Fenerbahçe-Anderlecht maçını izlerken, aklıma Beşiktaş’ın eski yıldızı, sonranın yalnızca Beşiktaş yazan spor yazarı rahmetli Vedat Okyar geldi.

Tanju Çolak ile Ali Gültiken gol krallığı için çekişiyordu. Tanju Avrupa’nın en iyi gol vuruşu yapan, her yıl belli sayıda gol atan oyuncu istikrarını koruyordu. Ali de o yıl çok formdaydı, o da atıyordu.

Vedat ağabeyin golcülerle ilgili yorumu anlamlıydı: “Ali isterse değil, top isterse gol olur!” Fenerbahçe maçına baktım. Pozisyon buluyorlar. Şut atıyorlar. Ancak, bir türlü dikdörtgen alandan içeri topu atamıyorlar.

Vedat ağabeyin yorumuyla ‘top istemiyor’ Görünen, Fenerbahçe’nin ‘topun gol olmayı istemesini sağlayacak net bir golcüye’ ya da hangi oyuncu olursa olsun, “Bunu atarım” diyecek inanca ihtiyacı var.

Telaş fazla, acelecilik, inançsızlık, güvensizlik fazla… Futbolcular, güvenle ve inanarak şut atmıyorlar. Yalnızca, yaratılan pozisyonların devamını sağlamak, gelişimi tamamlamak için topa vuruyorlar.
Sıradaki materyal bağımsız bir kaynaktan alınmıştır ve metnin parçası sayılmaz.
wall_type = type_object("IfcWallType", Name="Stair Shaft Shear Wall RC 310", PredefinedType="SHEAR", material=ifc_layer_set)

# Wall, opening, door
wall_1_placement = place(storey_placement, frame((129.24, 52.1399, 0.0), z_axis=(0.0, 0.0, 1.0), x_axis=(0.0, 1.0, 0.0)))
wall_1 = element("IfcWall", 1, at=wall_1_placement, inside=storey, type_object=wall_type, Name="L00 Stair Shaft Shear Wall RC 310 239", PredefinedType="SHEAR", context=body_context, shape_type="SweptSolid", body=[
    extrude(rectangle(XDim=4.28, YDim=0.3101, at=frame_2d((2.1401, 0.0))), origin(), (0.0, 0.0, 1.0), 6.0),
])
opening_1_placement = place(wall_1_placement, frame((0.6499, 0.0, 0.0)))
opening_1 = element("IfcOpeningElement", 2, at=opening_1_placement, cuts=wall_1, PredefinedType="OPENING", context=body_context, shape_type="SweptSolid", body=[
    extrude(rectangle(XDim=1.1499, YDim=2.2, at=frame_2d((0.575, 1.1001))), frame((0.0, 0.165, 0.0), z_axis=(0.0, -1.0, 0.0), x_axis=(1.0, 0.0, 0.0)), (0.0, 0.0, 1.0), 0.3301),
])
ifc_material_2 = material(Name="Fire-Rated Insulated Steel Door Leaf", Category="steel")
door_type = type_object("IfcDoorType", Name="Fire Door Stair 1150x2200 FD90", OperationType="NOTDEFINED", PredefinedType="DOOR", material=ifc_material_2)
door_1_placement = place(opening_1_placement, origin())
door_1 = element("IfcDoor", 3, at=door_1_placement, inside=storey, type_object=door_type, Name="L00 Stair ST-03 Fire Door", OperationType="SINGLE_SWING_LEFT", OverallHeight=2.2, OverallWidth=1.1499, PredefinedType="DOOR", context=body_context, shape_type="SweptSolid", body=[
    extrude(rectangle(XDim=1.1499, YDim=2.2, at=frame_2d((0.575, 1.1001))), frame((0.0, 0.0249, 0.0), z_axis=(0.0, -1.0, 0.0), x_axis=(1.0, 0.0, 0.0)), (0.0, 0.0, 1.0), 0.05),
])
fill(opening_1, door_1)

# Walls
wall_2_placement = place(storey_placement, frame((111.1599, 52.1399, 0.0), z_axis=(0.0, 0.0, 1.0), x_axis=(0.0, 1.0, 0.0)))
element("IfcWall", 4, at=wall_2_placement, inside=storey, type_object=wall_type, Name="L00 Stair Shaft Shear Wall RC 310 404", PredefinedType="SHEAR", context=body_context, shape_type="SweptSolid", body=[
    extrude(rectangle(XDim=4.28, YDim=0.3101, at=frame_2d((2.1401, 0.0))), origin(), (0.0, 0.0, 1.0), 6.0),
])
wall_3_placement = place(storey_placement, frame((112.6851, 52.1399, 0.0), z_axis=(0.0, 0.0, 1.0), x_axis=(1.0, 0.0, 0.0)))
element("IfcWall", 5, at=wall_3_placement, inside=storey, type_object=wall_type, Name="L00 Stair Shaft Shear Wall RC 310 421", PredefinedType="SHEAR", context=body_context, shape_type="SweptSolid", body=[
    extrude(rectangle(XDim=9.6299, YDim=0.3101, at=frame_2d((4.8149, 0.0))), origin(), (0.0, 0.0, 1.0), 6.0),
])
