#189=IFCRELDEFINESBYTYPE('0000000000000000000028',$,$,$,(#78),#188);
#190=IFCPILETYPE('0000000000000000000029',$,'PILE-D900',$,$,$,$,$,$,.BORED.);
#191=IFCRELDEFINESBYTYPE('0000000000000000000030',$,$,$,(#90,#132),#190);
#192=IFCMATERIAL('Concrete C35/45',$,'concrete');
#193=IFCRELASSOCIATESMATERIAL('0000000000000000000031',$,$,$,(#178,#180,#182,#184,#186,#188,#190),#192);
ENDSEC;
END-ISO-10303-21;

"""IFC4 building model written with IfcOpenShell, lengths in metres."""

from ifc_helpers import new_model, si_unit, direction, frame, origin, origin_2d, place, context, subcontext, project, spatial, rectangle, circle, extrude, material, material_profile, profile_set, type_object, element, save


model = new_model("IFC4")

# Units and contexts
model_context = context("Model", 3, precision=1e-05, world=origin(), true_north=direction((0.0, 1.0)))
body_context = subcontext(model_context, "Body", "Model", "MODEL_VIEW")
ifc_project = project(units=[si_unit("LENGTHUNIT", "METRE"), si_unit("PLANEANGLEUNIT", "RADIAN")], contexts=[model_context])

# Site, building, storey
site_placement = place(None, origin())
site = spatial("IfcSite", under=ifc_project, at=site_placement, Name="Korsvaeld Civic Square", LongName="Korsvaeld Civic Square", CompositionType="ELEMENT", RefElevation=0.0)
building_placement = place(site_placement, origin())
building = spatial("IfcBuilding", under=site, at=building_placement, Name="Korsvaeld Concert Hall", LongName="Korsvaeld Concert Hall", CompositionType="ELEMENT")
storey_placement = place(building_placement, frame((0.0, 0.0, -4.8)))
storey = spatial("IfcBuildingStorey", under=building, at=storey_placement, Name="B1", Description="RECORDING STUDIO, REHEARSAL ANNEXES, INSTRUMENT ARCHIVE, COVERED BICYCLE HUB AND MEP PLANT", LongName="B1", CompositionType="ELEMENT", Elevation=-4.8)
Sezon başından bu yana belki de en çok pozisyon yaratan, en çok şut atan takımların arasında yer alan Sarı-Lacivertliler, Anderlecht karşısında da benzer sayısal değerlere yaklaştı. Maçın başında rakibin bir iki atağını durdurup, oyunu önce orta alana, sonra rakip alana yıktılar.
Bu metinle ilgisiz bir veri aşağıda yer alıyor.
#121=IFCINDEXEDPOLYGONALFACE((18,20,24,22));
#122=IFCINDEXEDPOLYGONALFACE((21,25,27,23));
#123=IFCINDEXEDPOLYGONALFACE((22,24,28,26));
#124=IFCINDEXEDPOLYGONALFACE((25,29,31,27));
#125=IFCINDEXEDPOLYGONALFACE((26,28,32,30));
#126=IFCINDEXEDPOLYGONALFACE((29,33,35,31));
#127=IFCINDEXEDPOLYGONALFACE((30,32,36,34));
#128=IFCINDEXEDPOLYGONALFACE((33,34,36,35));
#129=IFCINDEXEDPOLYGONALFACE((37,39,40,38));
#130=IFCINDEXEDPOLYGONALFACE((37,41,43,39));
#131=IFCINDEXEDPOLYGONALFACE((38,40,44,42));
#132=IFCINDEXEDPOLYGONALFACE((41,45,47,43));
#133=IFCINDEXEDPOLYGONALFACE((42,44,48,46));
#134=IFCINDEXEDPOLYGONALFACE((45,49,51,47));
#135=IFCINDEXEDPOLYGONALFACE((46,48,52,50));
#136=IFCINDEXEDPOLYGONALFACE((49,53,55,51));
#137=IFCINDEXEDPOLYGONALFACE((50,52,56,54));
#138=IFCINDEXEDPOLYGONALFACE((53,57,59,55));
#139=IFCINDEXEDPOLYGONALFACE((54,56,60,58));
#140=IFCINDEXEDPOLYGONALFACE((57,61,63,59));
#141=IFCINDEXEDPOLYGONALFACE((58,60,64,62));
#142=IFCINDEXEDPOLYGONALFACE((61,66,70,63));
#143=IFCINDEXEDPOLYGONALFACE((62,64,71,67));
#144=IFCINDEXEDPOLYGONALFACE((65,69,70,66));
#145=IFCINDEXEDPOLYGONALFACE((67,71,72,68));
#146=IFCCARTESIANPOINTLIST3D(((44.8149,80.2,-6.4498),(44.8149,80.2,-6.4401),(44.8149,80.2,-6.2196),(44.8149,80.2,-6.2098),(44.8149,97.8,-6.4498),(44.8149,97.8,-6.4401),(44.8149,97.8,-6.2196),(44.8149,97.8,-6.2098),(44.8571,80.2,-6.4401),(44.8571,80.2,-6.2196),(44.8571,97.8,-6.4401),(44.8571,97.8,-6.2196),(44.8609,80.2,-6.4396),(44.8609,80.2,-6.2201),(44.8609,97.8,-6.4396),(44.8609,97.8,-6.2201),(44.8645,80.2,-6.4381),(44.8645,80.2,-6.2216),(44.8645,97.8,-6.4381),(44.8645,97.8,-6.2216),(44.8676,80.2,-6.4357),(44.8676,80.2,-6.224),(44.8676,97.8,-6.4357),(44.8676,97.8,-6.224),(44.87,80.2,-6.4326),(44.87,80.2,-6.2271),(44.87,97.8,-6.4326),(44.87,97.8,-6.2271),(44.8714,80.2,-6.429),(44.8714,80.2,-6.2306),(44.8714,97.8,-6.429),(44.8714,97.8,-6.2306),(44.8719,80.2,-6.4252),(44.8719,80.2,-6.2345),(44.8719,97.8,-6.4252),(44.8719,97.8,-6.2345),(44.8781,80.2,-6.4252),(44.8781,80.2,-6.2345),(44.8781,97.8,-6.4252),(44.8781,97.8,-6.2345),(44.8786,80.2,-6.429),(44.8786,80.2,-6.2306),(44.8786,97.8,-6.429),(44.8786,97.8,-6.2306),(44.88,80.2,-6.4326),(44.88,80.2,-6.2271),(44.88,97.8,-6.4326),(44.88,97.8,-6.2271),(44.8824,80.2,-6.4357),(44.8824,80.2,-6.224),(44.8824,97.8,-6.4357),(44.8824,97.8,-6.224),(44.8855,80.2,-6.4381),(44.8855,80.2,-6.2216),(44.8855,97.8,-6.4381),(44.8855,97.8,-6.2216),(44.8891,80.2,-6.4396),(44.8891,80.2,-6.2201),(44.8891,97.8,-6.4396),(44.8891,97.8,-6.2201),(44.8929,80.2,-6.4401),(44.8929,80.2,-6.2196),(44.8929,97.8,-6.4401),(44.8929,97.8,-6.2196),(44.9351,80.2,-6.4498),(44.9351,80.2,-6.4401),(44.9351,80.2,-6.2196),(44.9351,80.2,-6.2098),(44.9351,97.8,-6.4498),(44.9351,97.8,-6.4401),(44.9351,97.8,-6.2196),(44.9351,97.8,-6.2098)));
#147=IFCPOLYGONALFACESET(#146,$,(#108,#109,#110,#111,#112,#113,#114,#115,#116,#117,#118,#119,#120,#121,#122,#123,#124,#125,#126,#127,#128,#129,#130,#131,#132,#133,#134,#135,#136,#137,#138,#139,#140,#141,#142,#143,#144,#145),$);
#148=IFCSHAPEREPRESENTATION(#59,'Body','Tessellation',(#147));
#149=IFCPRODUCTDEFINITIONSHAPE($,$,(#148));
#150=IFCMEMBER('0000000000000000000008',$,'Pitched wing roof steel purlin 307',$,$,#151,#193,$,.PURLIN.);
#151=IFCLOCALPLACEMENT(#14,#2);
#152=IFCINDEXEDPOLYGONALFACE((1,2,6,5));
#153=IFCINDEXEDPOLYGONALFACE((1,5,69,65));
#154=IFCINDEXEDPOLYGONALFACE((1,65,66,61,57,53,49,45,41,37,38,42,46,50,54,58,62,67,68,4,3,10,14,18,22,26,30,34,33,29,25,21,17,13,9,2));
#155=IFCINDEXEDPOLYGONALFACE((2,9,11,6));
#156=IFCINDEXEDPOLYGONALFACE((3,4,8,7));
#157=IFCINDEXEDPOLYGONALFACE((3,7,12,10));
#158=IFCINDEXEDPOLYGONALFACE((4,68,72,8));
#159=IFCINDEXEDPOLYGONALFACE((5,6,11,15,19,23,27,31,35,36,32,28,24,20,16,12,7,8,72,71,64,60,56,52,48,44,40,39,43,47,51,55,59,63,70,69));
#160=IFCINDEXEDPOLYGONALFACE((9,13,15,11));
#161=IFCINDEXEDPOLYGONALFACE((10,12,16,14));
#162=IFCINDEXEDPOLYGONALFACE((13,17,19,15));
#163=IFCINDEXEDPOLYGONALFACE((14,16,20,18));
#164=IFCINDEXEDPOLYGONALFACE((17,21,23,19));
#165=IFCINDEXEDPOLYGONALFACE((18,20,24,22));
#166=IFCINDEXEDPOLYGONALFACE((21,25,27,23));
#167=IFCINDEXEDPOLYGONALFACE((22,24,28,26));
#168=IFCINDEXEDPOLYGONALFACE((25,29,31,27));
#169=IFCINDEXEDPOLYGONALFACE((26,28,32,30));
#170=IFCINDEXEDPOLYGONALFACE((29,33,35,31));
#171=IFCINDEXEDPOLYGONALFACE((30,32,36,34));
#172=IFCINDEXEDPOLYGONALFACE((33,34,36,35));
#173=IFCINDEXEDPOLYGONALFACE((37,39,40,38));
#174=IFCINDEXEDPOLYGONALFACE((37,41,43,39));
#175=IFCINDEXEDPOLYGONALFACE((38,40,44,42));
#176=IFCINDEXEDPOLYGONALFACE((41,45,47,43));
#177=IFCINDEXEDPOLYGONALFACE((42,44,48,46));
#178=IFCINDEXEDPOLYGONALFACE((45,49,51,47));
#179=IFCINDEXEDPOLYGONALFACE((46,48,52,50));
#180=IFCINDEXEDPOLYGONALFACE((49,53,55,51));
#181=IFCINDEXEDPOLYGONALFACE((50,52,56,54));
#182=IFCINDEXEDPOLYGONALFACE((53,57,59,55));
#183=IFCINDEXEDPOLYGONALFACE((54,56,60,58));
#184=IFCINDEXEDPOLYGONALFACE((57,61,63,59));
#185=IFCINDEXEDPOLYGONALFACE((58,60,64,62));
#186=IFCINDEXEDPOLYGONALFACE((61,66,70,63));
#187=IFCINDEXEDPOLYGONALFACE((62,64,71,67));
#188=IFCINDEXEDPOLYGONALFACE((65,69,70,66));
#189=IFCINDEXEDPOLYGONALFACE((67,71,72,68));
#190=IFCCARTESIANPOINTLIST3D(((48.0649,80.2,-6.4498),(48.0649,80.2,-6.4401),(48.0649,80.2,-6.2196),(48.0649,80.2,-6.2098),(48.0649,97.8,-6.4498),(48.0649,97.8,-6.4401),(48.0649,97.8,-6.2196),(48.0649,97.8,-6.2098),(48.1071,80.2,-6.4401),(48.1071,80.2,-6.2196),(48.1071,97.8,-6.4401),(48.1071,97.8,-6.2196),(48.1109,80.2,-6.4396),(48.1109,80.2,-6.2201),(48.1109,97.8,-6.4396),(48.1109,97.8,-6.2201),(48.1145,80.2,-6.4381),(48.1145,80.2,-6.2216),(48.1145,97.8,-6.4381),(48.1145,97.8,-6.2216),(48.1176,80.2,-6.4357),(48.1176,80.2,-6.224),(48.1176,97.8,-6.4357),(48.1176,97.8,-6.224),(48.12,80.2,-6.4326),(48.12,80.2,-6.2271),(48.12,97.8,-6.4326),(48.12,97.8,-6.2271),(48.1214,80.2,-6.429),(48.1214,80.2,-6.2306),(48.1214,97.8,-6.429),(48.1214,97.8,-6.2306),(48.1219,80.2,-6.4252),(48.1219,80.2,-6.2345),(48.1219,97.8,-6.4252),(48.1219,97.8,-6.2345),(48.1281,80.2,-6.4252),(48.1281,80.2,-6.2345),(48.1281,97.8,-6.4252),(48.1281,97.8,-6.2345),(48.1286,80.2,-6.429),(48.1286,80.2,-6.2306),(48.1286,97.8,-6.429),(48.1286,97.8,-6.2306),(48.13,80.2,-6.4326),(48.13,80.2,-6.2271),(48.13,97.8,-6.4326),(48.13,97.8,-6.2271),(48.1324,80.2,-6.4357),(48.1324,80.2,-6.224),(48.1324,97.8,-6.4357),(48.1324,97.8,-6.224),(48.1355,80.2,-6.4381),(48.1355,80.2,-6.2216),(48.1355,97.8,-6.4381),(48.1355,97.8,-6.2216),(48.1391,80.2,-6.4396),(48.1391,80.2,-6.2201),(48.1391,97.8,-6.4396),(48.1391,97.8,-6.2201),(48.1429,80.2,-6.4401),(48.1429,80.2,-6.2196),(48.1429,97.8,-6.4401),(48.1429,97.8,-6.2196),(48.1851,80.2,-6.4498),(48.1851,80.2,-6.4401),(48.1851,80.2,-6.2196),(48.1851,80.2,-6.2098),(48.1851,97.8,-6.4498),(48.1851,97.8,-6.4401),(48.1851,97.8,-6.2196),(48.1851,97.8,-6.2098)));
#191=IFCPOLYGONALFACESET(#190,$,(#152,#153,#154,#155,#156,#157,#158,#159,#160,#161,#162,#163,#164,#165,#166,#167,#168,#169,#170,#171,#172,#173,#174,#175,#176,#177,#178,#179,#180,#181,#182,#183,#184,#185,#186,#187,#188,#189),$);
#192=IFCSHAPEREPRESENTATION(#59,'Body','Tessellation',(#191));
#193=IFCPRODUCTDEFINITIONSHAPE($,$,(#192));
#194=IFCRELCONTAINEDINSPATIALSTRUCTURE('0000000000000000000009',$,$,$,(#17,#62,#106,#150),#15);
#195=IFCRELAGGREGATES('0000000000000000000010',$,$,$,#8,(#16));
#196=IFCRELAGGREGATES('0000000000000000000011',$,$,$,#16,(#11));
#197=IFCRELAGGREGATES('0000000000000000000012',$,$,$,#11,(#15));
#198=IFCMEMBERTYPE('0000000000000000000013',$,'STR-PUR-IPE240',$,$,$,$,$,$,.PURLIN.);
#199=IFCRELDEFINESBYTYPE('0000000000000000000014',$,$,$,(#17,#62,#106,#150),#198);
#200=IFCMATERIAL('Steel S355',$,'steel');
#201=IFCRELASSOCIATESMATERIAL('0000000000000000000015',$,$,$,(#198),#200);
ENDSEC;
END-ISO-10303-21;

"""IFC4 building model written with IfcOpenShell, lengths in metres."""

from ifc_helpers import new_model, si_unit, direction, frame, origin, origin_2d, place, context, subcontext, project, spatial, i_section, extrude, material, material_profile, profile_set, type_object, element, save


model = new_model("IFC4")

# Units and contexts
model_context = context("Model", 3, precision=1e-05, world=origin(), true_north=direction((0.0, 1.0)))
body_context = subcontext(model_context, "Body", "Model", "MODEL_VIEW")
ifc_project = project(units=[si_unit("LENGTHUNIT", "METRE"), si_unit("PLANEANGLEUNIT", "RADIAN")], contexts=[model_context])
Şutlar, pozisyonlar birbirini izledi. İkinci yarıda da durum aynıydı. Görünen şu ki, Fenerbahçe’nin toplu savunma anlayışı, gol yese de, az hata yapan, topun arkasına geçebilen bir sisteme oturdu.

Sorun, gol yollarında… Fenerbahçe çalıştırıcılarına, nacizane bir önerim olacak. Kaleciler şut antrenmanlarını çok severler… Net vuruşlar gelir, onlar da refleks gösterip, estetik görüntü yaratırlar.

Boş verin kalecilerin plonjon keyiflerini parlatmayı, ‘gol’ antrenmanı yaptırın. Oyuncular, plase atsınlar, aşırtma vursunlar, vurur gibi yapıp, kaleciyi yanıltsınlar… ‘Gol atmayı’ öğrensinler. Bakın o zaman ‘top ne istiyor?’